If no one wins outright, then the two candidates with the most votes citywide would compete in a runoff six weeks later. However, the winner still isn't the candidate with the most votes, it's the candidate who wins a majority of the Council seats. If no one manages to pull this off (ie, if there’s a tie that prevents anyone from winning at least five districts), only then would the popular vote determine the winner.
This system was first put in place for the 2004 mayoral race, a contest that former Democratic Gov. Douglas Wilder won overwhelmingly, and so far, the candidate with the most votes has always won outright. In 2008, Del. Dwight Clinton Jones won 39-34 and carried five of the nine Council seats, and he was re-elected in a landslide four years later. In 2016, Stoney himself won the popular vote by a narrow 36-34, but he also avoided a second round of voting by carrying a majority of the Council districts.

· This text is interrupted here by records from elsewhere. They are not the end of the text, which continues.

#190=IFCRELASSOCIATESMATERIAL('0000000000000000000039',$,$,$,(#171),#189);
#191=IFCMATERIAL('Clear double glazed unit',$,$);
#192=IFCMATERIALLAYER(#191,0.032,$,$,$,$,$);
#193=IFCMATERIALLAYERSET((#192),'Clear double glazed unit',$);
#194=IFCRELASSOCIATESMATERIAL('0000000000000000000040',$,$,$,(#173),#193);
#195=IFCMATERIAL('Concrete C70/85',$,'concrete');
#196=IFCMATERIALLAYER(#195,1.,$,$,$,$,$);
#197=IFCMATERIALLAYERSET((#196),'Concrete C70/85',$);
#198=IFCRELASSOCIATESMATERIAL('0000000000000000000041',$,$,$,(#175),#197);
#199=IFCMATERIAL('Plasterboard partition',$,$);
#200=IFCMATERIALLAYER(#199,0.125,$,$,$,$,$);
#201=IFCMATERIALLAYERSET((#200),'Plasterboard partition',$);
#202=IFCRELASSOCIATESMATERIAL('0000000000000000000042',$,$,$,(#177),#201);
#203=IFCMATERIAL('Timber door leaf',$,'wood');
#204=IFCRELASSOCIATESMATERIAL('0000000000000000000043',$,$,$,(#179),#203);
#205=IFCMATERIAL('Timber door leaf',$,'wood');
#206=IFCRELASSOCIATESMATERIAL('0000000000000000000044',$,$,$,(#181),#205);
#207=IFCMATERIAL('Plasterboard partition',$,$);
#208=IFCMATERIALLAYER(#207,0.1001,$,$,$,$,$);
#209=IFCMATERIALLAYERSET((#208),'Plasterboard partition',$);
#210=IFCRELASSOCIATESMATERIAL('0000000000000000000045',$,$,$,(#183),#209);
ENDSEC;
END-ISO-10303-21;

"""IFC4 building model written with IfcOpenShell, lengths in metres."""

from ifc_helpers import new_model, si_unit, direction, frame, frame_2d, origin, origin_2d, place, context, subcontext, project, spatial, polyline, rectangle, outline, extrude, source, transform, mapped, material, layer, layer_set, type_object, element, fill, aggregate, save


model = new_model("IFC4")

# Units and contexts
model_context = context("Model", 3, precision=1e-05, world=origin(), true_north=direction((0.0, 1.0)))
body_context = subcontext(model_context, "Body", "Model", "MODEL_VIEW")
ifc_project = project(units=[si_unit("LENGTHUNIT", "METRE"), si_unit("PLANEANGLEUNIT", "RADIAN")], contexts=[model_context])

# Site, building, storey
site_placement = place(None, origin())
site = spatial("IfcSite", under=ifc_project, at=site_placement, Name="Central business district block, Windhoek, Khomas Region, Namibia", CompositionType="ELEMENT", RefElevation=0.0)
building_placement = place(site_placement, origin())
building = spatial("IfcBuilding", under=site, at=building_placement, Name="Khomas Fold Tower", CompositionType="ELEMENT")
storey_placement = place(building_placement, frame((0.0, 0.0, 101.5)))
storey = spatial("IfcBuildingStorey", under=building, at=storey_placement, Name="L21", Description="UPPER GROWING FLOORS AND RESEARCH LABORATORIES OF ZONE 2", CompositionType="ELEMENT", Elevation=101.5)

So, how did this system come to be? While Richmond only started voting this way in 2004, Venugopal Katta explained in a 2017 piece for William & Mary Law School’s Election Law Society that the reasoning behind it goes back decades further. Back in 1969, the predominantly white City Council, whose members were elected citywide at the time, approved a plan to annex part of neighboring Chesterfield County. This move lowered Richmond’s black population from 52% to just 42%, and critics argued it was done to strengthen white voters at the expense of African Americans.
However, as Katta wrote, the plan ran into trouble two years later when the U.S. Supreme Court ruled that the Voting Rights Act required any changes in city lines to be approved either by the U.S. attorney general or the D.C. District Court. Richmond had completed the annexation by this time, but the attorney general’s office refused to approve it. The city finally came up with a compromise where it would elect city councilors by district, and it agreed that five of the nine seats would have black majorities.
The Supreme Court approved this new plan in 1975’s City of Richmond v. United States decision, and for decades, the City Council remained the major force in Richmond politics. The body continued to pick the mayor from among its members (now-Sen. Tim Kaine became mayor this way in 1998), but a series of corruption scandals involving councilmembers led to calls for a strong and independent chief executive.
In 2002, former Gov. Douglas Wilder and former Mayor Tom Bliley called for electing the mayor citywide. However, while Richmond was again majority black by this point, local African American leaders feared that wealthier and better organized white voters would have a greater say over who led the city. In order to ensure that a mayor couldn’t win without substantial black support, the Wilder-Bliley Commission’s plan required mayoral candidates to win five of the nine districts in order to be elected. This plan overwhelmingly passed in a 2003 referendum, and it remains in place today.